The creation of a repo using gh in the command line is awesome. Love it.
However, I like running my experiments in parallel (at the same time). This means that having many branches within the one run directory isn’t really an option. Instead, I have many run directories.
So, I’d like to be able to create a repo using this command that included many experiments, perhaps sensitivity experiments, contained within their own run directories. In essence, a gh repo create command from a higher level directory that contained all the run directories.
Is there a workflow that we could standardise to make this nice?
@minghangli - I think this is similar question to the tool you’ve been working on
Aidan
(Aidan Heerdegen, ACCESS-NRI Release Team Lead)
4
@pearseb and I were chatting at the training session about this.
I think a good approach is to leverage the payu branching features, have a tool that creates a bunch of branches in a single repo, checking out branch one at a time.
Then you could have a generic run tool that you point at a repo and it loops over all branches, creates a separate sub-dir for each branch and spins off a simulation in each separate sub-dir.
Separating the functions has the advantage that the run tool is agnostic to how the repo and branches are created.
Aidan
(Aidan Heerdegen, ACCESS-NRI Release Team Lead)
5
Forgot to say, leveraging Jinja2 would make creating a bunch of related configs programmatically exceptionally easy
this is a “dumb” approach, as it doesn’t need to know anything specific about the structure of the files themselves.
The tool @minghangli is working on is more structured, but also specialised to a specific model
Aidan
(Aidan Heerdegen, ACCESS-NRI Release Team Lead)
6
ping @claireyung because I know you were involved in the conversation with @pearseb at the payu training session.

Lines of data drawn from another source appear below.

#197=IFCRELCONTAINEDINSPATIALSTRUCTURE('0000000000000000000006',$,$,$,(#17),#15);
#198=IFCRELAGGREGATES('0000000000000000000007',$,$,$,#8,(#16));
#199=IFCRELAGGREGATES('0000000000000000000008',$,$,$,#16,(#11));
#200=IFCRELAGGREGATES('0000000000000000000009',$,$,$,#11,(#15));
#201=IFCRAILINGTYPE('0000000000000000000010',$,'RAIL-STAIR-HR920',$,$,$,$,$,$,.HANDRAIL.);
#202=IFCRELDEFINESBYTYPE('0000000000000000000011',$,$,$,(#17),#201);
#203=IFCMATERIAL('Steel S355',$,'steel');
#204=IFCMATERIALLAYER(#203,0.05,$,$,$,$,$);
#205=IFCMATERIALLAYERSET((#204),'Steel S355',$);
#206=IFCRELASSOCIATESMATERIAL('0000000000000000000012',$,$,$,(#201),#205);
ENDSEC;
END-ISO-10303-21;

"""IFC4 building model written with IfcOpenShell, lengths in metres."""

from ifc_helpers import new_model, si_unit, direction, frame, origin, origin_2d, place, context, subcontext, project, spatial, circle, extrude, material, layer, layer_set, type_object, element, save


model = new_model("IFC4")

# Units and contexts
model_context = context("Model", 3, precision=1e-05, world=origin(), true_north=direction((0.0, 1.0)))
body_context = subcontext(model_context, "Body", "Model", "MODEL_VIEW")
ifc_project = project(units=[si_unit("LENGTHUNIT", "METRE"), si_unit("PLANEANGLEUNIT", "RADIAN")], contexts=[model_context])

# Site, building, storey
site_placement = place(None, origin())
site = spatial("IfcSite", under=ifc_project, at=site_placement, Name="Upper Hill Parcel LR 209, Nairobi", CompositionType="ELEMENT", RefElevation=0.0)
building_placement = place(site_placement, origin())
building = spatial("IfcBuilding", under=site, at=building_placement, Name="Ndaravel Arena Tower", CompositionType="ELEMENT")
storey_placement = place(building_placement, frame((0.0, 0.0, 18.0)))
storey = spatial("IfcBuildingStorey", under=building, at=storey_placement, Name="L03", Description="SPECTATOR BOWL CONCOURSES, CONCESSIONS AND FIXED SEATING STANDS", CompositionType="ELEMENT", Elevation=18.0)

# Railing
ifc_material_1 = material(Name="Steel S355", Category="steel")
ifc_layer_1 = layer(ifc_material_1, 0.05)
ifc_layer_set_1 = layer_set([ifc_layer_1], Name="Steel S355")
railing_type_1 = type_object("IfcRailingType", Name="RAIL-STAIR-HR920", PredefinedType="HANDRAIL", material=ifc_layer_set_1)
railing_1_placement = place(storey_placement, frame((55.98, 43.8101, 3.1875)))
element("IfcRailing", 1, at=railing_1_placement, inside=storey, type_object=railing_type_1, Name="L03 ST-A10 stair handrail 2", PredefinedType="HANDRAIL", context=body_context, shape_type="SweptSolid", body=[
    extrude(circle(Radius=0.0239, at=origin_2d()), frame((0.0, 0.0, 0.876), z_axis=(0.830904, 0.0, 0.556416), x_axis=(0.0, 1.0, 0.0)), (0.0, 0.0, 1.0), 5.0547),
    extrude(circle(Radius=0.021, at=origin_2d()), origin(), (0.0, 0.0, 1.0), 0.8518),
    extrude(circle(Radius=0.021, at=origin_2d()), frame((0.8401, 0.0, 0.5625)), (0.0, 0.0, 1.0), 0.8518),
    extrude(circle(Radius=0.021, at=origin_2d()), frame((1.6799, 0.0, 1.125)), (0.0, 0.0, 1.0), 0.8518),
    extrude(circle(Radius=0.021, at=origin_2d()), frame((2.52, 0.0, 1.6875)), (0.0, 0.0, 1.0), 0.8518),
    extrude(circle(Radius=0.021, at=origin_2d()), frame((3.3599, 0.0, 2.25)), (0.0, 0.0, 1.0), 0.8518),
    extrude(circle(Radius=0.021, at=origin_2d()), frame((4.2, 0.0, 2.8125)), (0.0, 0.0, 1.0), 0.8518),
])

Hi @pearseb , I previously believed that there was an unresolved bug in om3-scripts/expts_manager at main · COSIMA/om3-scripts · GitHub , which delayed my follow-up on this issue. But I’ve since realised that the problem has already been resolved. Just follow up to this, I’ve developed this tool to help streamline experiment setups for both OM2 and OM3. Please let me know if you’d be interested in using it!